"İnançsız biri olduğum pekâlâ söylenebilir. Fakat ben bir inanç özlemine tutulmuş bir inançsızım."
- Pier Paolo Pasolini
Pier Paolo Pasolini bu röportajda sinema, din, politika ve insanlarla ilgili düşüncelerini dile getiriyor. YouTube'un Altyazı ayarlarından Türkçeyi seçmeyi unutmayın. Bu arada bu röportajın yazılı halini de videonun hemen altında bulabilirsiniz. İyi seyirler ve iyi okumalar dilerim.
Yazılı hali:
+ Sizin gibi bir Marksist nasıl oluyor da İncil'den ve İsa'nın takipçilerinin ifadelerinden böylesine ilham alabiliyor?
- Söz yine dönüp dolaşıp Bignardi'nin bahsettiği şeye geliyor: Ben olayları daha çok içsel olarak deneyimlerim. Dünyaya karşı bakış açıma göre, nesneler, yalnızca doğal veya dünyevi şeyler değildirler. Her zaman bir parça olsun mucizevi bir yön görürüm onlarda. Bana göre, her nesne birer mucizedir. Dünyaya karşı bakış açım, her ne kadar kalıplaşmış ve tutucu olarak olmasa da, bazı açılardan dinseldir. İşte bu nedenle, işimde bu tür şeyler görmek için çaba sarf ediyorum.
+ İncil sizin için bir teselli kaynağı mıdır peki?
- Teselli mi? Ben teselli aramıyorum. Tıpkı diğer insanlar gibi, zaman zaman ben de küçük hazlar veya memnuniyet duygusu arıyorum, ama avuntu, her zaman için tumturaklı kaçar... Samimiyetten uzak ve gerçek dışı olarak. İsa'nın İncilinden mi bahsediyorsunuz? O halde, "teselli" sözcüğünü bütünüyle reddediyorum. Bana göre, İncil harika bir
entelektüel çalışma... Büyük bir düşünsel yapıt. Teselli etmez. Kişinin kendi düşüncelerini doldurur, onları bütünleştirir, düzeltir ve harekete geçirir. Ama ya teselli? Tesellinin ne faydası vardır ki? "Teselli", "umut" gibi bir sözcüktür.
+ Düşmanlarınız kim?
- Bilmiyorum.
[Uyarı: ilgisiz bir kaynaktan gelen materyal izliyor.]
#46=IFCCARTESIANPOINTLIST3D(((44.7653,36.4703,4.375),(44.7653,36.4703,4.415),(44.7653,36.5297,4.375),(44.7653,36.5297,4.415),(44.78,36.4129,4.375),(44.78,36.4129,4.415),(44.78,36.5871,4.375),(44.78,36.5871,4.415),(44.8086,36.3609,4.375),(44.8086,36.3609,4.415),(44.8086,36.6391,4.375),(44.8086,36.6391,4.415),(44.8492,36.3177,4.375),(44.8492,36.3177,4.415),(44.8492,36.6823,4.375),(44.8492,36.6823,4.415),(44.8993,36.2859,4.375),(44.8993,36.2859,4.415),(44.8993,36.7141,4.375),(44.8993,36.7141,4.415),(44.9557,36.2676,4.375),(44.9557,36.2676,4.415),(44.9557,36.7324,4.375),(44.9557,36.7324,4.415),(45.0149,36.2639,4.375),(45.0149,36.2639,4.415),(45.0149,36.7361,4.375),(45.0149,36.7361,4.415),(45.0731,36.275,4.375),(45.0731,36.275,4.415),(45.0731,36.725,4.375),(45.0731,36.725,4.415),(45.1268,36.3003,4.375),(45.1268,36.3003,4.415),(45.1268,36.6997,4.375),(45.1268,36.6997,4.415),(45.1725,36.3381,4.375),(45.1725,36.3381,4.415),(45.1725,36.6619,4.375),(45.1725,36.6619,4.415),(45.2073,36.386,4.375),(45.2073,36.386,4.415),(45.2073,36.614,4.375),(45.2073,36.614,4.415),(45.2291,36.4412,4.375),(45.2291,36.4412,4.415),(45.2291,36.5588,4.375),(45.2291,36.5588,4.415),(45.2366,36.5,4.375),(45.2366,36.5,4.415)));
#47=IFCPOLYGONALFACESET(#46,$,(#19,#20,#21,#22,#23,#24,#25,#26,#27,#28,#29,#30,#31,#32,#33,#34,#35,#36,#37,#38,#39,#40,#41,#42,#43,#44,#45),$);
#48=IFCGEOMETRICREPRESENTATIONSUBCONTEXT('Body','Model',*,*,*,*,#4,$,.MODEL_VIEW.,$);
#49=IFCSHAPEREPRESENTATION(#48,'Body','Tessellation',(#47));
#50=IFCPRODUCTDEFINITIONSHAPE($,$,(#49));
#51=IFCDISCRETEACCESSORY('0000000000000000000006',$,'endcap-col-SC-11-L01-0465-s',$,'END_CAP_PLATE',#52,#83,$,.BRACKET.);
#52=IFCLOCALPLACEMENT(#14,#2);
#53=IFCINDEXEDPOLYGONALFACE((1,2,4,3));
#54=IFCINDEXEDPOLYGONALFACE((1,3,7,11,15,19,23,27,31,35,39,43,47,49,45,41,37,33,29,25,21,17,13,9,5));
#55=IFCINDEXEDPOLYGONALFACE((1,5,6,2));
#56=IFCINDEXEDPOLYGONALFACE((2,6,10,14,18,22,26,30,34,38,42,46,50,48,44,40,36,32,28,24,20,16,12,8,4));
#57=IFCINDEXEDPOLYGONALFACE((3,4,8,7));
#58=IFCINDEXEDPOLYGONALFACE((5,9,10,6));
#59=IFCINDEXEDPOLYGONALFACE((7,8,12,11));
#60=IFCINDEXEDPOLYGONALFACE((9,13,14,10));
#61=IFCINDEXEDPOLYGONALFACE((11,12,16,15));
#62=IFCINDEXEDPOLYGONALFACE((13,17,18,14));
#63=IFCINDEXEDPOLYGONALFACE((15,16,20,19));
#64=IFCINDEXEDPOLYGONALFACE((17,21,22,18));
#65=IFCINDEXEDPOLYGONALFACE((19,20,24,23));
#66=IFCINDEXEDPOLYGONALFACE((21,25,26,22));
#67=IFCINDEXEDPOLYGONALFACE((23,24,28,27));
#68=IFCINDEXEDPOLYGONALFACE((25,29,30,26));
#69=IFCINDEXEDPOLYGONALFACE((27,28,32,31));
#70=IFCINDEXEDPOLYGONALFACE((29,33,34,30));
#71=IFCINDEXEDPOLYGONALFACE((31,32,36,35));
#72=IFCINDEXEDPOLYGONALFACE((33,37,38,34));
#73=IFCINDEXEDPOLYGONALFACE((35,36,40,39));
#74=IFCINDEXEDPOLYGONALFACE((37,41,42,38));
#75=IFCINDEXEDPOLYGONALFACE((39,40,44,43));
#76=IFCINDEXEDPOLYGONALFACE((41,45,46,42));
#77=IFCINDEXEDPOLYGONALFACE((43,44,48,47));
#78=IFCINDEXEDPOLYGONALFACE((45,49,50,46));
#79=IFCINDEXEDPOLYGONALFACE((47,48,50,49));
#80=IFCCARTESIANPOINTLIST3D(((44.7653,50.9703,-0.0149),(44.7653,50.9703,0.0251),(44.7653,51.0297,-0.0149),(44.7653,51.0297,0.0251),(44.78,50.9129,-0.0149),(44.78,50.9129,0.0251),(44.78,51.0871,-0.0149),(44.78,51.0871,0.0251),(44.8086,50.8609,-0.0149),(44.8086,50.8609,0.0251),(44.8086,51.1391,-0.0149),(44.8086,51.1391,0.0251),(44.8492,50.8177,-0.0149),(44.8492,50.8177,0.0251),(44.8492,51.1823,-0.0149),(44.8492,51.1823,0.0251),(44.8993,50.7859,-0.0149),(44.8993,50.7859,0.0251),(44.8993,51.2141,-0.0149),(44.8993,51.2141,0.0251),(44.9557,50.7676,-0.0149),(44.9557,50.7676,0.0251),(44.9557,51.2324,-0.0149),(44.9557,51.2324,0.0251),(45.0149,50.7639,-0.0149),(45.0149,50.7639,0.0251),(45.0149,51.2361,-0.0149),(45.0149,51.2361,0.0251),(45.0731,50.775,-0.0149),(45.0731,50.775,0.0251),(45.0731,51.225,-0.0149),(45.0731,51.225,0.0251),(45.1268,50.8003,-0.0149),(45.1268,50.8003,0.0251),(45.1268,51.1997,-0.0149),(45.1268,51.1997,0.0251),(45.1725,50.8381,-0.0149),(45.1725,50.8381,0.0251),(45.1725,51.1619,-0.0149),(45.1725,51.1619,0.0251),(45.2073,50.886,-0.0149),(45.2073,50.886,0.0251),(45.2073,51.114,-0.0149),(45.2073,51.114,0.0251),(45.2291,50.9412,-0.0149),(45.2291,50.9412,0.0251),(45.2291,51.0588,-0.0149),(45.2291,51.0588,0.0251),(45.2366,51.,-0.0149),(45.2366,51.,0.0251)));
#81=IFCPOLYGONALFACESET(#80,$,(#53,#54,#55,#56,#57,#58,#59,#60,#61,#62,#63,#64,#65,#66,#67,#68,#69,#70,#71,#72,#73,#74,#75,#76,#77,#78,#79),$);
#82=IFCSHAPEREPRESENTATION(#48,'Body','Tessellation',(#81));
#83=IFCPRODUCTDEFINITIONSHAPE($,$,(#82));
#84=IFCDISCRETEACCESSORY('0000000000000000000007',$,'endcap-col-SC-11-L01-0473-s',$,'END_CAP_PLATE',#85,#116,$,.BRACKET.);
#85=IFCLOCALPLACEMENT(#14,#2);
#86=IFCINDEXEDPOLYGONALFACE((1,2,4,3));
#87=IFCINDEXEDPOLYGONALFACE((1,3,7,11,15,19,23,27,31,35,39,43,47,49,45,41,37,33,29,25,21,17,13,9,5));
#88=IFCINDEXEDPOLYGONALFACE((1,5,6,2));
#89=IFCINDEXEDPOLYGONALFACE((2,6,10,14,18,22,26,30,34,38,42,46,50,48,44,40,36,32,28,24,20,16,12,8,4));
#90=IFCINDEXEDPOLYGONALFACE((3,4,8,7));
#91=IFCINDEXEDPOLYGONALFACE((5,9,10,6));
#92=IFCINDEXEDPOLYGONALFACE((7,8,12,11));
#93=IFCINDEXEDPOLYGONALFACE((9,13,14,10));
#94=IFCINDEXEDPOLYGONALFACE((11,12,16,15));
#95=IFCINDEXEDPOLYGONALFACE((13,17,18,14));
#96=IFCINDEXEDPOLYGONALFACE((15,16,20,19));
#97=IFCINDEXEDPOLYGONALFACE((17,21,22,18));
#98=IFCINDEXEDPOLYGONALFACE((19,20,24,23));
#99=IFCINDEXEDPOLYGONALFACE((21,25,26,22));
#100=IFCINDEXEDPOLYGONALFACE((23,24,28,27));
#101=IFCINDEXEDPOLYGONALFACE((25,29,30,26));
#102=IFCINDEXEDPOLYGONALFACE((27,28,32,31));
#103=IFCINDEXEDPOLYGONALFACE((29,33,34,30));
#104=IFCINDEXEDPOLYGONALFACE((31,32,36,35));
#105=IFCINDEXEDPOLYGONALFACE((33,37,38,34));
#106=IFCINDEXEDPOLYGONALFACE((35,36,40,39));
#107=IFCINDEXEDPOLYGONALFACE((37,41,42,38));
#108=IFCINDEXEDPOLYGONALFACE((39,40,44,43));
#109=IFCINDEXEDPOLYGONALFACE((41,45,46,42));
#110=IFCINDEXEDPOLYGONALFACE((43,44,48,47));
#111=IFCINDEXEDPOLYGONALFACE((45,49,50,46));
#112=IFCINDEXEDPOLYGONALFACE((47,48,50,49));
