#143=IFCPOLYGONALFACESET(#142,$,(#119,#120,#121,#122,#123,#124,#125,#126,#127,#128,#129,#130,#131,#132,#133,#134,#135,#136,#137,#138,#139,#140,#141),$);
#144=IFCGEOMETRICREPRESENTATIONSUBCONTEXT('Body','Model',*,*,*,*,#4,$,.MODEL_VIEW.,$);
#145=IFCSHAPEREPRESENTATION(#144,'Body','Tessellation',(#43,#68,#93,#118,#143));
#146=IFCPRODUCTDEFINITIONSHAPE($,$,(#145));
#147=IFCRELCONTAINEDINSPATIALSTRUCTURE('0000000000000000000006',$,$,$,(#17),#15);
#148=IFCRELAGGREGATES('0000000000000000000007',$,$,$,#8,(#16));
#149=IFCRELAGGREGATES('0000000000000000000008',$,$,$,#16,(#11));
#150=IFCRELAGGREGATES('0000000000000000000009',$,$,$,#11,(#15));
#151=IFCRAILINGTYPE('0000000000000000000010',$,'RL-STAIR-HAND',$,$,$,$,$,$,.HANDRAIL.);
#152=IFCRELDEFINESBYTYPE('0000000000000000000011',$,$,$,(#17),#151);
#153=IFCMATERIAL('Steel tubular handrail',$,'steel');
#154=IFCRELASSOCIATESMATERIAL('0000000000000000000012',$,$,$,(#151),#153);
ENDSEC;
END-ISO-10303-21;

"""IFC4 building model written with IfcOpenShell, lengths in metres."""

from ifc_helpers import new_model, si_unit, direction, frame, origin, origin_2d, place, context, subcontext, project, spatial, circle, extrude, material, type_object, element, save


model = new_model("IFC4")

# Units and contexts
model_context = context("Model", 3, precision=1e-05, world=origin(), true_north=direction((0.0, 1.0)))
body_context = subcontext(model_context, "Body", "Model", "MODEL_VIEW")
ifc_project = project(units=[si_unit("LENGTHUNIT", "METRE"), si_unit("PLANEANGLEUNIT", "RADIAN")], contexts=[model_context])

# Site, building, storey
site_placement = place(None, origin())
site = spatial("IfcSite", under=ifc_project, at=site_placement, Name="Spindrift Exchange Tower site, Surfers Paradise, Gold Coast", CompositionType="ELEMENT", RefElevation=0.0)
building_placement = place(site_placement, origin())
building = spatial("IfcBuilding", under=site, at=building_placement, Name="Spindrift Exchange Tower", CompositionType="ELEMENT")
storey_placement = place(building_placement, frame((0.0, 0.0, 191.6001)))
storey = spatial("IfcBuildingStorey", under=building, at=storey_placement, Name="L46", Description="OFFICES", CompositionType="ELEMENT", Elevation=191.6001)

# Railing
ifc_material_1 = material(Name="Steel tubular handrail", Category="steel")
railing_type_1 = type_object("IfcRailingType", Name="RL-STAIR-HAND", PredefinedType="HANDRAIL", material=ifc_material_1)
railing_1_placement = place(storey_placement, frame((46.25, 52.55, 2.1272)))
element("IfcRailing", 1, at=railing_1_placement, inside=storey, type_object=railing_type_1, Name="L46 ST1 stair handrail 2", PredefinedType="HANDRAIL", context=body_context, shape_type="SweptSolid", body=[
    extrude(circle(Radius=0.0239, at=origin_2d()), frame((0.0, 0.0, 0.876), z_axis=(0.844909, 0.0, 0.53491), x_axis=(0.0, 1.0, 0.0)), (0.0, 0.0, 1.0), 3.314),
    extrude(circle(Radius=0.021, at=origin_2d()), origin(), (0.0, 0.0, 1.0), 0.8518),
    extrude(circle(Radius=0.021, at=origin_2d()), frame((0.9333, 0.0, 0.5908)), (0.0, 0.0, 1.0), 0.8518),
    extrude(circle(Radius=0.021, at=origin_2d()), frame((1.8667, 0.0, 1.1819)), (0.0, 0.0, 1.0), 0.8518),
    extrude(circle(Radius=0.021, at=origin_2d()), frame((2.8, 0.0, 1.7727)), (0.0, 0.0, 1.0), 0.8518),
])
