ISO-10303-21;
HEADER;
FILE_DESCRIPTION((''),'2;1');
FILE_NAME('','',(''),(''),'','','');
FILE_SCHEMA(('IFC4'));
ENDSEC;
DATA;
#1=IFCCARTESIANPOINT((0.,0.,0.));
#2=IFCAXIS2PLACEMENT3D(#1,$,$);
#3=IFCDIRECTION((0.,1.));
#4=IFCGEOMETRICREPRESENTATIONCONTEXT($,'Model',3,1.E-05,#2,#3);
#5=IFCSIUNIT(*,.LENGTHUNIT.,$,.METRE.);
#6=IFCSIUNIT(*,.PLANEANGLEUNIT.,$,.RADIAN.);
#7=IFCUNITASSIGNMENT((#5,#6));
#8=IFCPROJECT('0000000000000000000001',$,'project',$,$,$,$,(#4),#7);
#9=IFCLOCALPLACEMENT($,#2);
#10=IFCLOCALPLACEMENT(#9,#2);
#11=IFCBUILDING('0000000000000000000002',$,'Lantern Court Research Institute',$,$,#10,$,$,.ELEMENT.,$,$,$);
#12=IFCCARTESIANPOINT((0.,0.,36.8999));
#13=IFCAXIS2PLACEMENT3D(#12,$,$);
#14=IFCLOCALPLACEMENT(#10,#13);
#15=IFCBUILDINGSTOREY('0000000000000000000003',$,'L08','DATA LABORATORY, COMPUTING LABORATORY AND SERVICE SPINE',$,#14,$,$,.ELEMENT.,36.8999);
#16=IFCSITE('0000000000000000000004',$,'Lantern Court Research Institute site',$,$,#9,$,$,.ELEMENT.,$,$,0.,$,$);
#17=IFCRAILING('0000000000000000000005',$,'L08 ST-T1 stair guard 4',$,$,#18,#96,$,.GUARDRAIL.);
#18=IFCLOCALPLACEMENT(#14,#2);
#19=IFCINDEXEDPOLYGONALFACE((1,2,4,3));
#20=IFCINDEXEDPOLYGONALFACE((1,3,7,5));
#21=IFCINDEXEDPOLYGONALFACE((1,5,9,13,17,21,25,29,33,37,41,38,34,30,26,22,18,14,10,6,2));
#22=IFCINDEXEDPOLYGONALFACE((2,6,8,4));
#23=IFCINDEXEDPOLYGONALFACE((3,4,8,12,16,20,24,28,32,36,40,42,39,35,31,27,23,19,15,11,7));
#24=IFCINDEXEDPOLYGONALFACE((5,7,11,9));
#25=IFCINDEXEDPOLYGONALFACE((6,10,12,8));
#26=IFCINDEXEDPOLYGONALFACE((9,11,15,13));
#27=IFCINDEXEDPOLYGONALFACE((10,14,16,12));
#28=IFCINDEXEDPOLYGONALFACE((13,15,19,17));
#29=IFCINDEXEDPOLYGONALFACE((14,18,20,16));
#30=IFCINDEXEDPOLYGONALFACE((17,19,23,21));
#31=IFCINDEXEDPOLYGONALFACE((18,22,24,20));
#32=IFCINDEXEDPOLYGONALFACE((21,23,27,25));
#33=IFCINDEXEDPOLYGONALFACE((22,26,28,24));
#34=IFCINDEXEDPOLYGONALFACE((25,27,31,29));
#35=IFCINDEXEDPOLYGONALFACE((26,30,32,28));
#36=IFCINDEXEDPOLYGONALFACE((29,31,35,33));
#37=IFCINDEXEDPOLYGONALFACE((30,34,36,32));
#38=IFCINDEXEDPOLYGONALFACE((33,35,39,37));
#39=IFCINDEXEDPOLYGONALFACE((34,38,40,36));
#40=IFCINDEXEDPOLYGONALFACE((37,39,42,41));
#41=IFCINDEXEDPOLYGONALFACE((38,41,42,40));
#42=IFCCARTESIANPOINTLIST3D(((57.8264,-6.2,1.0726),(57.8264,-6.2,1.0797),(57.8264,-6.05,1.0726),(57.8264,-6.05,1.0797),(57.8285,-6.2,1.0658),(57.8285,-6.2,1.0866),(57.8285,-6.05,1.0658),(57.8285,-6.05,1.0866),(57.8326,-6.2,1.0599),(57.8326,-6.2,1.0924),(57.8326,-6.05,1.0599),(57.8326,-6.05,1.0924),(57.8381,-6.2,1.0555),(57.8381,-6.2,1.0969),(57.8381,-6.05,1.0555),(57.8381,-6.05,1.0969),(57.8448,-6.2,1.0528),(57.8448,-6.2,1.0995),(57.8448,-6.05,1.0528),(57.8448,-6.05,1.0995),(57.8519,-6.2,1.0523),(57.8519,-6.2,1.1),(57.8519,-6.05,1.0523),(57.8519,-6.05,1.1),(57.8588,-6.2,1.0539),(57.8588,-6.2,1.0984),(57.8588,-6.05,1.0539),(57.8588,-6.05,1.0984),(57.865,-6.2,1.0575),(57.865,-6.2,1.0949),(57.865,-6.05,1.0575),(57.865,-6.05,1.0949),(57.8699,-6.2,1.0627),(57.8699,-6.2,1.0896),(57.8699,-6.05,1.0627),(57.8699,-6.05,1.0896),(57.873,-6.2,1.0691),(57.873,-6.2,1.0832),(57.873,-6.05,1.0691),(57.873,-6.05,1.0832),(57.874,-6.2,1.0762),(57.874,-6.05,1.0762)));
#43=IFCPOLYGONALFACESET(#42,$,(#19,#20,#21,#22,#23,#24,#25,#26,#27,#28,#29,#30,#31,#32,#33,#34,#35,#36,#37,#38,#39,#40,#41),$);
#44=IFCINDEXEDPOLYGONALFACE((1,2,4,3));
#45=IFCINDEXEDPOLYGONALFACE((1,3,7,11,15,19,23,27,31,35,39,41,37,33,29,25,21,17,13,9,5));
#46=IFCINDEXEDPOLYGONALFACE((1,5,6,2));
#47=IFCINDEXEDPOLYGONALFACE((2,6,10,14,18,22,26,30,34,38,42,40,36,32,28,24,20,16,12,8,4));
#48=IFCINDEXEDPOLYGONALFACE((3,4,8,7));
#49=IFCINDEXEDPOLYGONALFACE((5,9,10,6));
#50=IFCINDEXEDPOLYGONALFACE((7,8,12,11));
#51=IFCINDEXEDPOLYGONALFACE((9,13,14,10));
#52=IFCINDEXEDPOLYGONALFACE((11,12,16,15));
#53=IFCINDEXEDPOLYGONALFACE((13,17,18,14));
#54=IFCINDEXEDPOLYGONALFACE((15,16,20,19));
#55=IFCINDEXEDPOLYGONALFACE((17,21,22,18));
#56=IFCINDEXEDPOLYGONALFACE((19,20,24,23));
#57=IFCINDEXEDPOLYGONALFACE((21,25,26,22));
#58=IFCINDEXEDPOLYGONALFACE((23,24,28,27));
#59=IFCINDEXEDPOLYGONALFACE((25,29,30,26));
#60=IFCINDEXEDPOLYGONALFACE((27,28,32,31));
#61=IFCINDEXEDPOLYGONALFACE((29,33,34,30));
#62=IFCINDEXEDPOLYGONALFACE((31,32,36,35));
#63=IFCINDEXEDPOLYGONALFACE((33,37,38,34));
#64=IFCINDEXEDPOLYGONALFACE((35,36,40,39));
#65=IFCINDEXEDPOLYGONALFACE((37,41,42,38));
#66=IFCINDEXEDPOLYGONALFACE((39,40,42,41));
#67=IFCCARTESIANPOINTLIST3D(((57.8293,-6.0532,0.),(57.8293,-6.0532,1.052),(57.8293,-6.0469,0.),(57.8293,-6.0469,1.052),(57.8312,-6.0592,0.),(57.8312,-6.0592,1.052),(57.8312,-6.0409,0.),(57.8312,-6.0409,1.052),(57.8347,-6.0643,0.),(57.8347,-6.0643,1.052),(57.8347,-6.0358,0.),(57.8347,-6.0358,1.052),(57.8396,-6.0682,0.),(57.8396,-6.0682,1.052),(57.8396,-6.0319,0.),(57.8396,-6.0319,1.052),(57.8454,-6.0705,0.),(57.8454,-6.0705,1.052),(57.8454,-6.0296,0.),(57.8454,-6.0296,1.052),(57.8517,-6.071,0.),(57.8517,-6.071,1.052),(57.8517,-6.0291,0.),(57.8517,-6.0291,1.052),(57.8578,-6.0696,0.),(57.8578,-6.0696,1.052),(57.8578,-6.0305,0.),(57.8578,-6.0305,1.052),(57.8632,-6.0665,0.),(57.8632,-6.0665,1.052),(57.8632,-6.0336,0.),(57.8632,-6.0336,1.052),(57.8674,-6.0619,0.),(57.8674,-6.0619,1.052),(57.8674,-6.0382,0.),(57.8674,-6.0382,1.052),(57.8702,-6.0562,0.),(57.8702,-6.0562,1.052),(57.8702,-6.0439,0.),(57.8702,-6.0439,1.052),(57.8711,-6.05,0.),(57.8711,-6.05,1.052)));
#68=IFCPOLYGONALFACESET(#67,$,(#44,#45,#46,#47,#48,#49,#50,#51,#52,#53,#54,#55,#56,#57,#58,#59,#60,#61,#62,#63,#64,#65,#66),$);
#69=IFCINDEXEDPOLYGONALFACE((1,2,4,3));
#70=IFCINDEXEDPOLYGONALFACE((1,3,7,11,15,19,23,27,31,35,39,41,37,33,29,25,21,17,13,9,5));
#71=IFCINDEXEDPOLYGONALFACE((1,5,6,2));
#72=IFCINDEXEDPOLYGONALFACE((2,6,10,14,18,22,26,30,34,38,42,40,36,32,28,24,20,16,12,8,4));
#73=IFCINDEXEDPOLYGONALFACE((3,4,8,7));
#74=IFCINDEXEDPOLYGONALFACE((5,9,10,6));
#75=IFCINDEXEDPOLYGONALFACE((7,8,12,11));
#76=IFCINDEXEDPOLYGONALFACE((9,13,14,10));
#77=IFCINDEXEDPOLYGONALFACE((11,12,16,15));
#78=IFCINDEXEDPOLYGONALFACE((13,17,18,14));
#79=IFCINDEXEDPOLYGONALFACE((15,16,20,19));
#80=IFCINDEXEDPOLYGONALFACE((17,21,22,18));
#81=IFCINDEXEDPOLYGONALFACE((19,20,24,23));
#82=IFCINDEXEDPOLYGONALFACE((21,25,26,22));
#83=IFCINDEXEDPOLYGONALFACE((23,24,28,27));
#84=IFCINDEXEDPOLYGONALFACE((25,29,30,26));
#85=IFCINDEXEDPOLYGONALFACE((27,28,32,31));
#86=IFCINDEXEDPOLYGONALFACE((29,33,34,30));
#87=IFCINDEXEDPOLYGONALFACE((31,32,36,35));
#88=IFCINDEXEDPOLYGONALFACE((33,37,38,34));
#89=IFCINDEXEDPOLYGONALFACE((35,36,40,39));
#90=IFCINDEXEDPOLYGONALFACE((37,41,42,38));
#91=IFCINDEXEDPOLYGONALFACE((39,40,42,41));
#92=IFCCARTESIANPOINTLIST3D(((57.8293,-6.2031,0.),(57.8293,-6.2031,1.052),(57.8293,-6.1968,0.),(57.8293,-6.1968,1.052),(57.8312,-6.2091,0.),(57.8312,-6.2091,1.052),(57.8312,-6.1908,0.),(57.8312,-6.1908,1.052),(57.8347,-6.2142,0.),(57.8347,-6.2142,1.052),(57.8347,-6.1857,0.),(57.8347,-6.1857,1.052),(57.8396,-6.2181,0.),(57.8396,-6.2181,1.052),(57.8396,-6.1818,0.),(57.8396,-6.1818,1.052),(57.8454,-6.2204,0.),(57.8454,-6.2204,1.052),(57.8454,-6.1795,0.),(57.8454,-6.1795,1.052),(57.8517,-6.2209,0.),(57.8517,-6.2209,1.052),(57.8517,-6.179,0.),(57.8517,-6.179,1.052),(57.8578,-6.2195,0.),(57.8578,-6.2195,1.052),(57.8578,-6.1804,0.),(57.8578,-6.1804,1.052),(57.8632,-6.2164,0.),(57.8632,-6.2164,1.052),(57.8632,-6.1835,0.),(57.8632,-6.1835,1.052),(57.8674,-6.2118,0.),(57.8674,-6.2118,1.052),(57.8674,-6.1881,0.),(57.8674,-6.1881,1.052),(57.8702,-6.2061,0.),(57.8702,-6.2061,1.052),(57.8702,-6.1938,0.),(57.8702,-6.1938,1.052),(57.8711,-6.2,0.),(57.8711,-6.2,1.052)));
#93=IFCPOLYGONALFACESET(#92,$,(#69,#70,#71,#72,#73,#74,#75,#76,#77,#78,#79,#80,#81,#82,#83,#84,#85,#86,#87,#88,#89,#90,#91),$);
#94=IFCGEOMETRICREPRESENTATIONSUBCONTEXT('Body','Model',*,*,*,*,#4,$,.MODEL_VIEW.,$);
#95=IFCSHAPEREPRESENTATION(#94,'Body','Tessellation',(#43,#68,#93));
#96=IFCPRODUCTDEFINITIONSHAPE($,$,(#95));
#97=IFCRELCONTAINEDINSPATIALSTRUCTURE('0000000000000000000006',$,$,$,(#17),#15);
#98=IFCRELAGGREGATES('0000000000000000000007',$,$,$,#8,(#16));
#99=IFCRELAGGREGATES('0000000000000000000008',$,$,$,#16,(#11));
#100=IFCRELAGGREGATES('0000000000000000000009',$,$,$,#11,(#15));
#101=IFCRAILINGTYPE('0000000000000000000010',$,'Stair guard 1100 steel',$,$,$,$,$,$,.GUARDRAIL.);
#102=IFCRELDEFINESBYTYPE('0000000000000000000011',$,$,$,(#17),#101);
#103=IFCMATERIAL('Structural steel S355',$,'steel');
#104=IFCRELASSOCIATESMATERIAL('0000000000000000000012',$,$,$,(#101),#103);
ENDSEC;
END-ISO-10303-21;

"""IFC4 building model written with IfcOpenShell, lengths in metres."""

from ifc_helpers import new_model, si_unit, direction, frame, origin, origin_2d, place, context, subcontext, project, spatial, circle, extrude, material, type_object, element, save


model = new_model("IFC4")

# Units and contexts
model_context = context("Model", 3, precision=1e-05, world=origin(), true_north=direction((0.0, 1.0)))
body_context = subcontext(model_context, "Body", "Model", "MODEL_VIEW")
ifc_project = project(units=[si_unit("LENGTHUNIT", "METRE"), si_unit("PLANEANGLEUNIT", "RADIAN")], contexts=[model_context])

# Site, building, storey
site_placement = place(None, origin())
site = spatial("IfcSite", under=ifc_project, at=site_placement, Name="Lantern Court Research Institute site", CompositionType="ELEMENT", RefElevation=0.0)
building_placement = place(site_placement, origin())
building = spatial("IfcBuilding", under=site, at=building_placement, Name="Lantern Court Research Institute", CompositionType="ELEMENT")
storey_placement = place(building_placement, frame((0.0, 0.0, 36.8999)))
storey = spatial("IfcBuildingStorey", under=building, at=storey_placement, Name="L08", Description="DATA LABORATORY, COMPUTING LABORATORY AND SERVICE SPINE", CompositionType="ELEMENT", Elevation=36.8999)

# Railing
ifc_material_1 = material(Name="Structural steel S355", Category="steel")
railing_type_1 = type_object("IfcRailingType", Name="Stair guard 1100 steel", PredefinedType="GUARDRAIL", material=ifc_material_1)
railing_1_placement = place(storey_placement, frame((57.8501, -6.05, 0.0)))
element("IfcRailing", 1, at=railing_1_placement, inside=storey, type_object=railing_type_1, Name="L08 ST-T1 stair guard 4", PredefinedType="GUARDRAIL", context=body_context, shape_type="SweptSolid", body=[
    extrude(circle(Radius=0.0239, at=origin_2d()), frame((0.0, 0.0, 1.0762), z_axis=(0.0, -1.0, 0.0), x_axis=(1.0, 0.0, 0.0)), (0.0, 0.0, 1.0), 0.1499),
    extrude(circle(Radius=0.021, at=origin_2d()), origin(), (0.0, 0.0, 1.0), 1.052),
    extrude(circle(Radius=0.021, at=origin_2d()), frame((0.0, -0.1499, 0.0)), (0.0, 0.0, 1.0), 1.052),
])

save(model, "model.ifc")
Buna pek dikkat etmiyorum. Ara ara bana karşı anlaşılmaz bir nefret dalgası hissediyorum, ama üzerinde pek durmamayı tercih ediyorum.
+ En çok sevdiğiniz insanlar kimler?
- En çok sevdiğim insanlar mı? Belirli isimler mi yoksa genel tipler mi vermemi istiyorsunuz?
+ Genel tipler, ve eğer sorun değilse isimler de.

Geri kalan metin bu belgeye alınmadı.